House of Assembly - Fifty-Fifth Parliament, First Session (55-1)
2023-11-14 Daily Xml

Contents

Ambulance Ramping

The Hon. D.J. SPEIRS (Black—Leader of the Opposition) (14:13): My question is to the Premier. Is the Premier aware of the hours that have been lost on the ramp at the Lyell McEwin Hospital and is this acceptable? With your leave, sir, and that of the house, I will explain.

Leave granted.

The Hon. D.J. SPEIRS: Ramping at the Lyell McEwin Hospital reached the highest level on record last month with 868 hours lost on the ramp, and yesterday there was a second safety inspection in just two weeks.

The Hon. C.J. PICTON (Kaurna—Minister for Health and Wellbeing) (14:13): We absolutely acknowledge that the Lyell McEwin is under significant pressure, and we have seen the pressure in terms of attendances, in terms of the acuity of those presentations at the Lyell McEwin Hospital going up and up. That is why we have made those investments. We are delivering on those election commitments, in fact exceeding the election commitment to invest in 24 additional beds at the Lyell McEwin Hospital.

We are now doubling that; we are building 48 extra beds at the Lyell McEwin Hospital. We have also increased what the original proposal was for the emergency department upgrade, which was going to be 72; we increased that to 76. We have signed a new partnership agreement with ACH Group to utilise, I believe, two dozen beds in their new development opposite Lyell McEwin Hospital. We have also secured land that we have compulsorily acquired on the site for future upgrades at that hospital site as well. So every possible lever we are using to increase the capacity at Lyell McEwin Hospital.

If people drive past the hospital at the moment, they can see the cranes, they can see the construction activity underway at that hospital, to make sure that we have the additional beds that we need to meet that demand. That pressure has had an effect. It has meant that at the same time we have seen reductions elsewhere in the system. Last month, we saw the best month for the Royal Adelaide Hospital in the past 18 months and at the Flinders Medical Centre we saw the third-best month in the past 18 months, but we did see continued pressure on the Lyell McEwin Hospital, and we need those additional beds and resources to be able to cope with that.

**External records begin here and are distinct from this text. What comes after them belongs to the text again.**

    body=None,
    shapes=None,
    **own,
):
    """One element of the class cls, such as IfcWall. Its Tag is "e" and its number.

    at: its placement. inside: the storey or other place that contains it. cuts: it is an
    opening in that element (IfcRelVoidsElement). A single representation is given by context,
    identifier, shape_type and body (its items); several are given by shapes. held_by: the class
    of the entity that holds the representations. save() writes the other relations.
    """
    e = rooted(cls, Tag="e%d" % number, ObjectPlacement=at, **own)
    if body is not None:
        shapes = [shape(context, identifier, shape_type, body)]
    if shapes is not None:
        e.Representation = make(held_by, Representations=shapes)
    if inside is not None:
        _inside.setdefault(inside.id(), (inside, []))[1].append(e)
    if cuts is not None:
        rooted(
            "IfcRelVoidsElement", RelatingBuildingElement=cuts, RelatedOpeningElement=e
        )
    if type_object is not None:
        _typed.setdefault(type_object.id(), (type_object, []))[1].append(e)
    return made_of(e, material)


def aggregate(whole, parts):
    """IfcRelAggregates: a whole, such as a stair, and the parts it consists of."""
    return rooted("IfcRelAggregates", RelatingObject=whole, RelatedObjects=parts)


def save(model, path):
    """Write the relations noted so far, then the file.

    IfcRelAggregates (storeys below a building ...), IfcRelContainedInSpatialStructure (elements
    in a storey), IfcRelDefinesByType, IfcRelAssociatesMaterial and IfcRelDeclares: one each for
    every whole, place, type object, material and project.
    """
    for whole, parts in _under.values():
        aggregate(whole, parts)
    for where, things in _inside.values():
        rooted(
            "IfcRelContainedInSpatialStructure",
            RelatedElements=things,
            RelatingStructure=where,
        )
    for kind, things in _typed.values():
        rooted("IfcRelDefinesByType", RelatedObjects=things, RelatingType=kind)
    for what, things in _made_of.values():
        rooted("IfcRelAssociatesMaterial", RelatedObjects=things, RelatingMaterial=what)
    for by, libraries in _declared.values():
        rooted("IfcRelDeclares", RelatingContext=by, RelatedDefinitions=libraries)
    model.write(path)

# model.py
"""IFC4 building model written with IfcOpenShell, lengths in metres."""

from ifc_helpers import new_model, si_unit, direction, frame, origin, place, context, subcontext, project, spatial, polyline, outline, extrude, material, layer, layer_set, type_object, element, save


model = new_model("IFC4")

In addition, we are also working with the federal government that has just opened a new urgent care centre, which is available at Elizabeth. We are certainly encouraging people who have non-emergency but still urgent issues that aren't life critical, who do need assistance urgently—those low-acuity presentations, which we know happen a lot at the Lyell McEwin Hospital—to utilise that Medicare urgent care centre service, which is bulk billed, which is provided for extended hours nearby at Elizabeth as well. That is, of course, one of four urgent care centres that are being delivered across the area.

We know that there is a big issue in terms of access to primary care, particularly in the northern suburbs, and that impacts upon access to the Lyell McEwin Hospital as well. We are encouraged by the fact that the federal government, just in the past two weeks, have increased—in fact tripled—the bulk billing incentives for GPs, particularly for younger people and for concession cardholders. We are hopeful that we now see more and more practices resuming bulk billing, which will help many people who otherwise can't afford to pay out of pocket to go to a general practice.

Certainly, we have seen between October this year and October the year before that presentations at the Lyell McEwin Hospital increased from 5,860 up to 6,332, so it is an increase of 472 in the past year. That is a significant increase in presentations that are happening at that emergency department. That's why, while we have the bigger emergency department—which finally is now complete after many years of unfortunate delays—we need those additional beds behind the emergency department because otherwise people get stuck in the emergency department waiting for that inpatient bed, which obviously then means that the next patient from the waiting room or the ambulance ramp can't come into the emergency department to make sure that they can get the care that they need. That's why we are delivering those additional 48 beds at the Lyell McEwin Hospital as fast as we possibly can.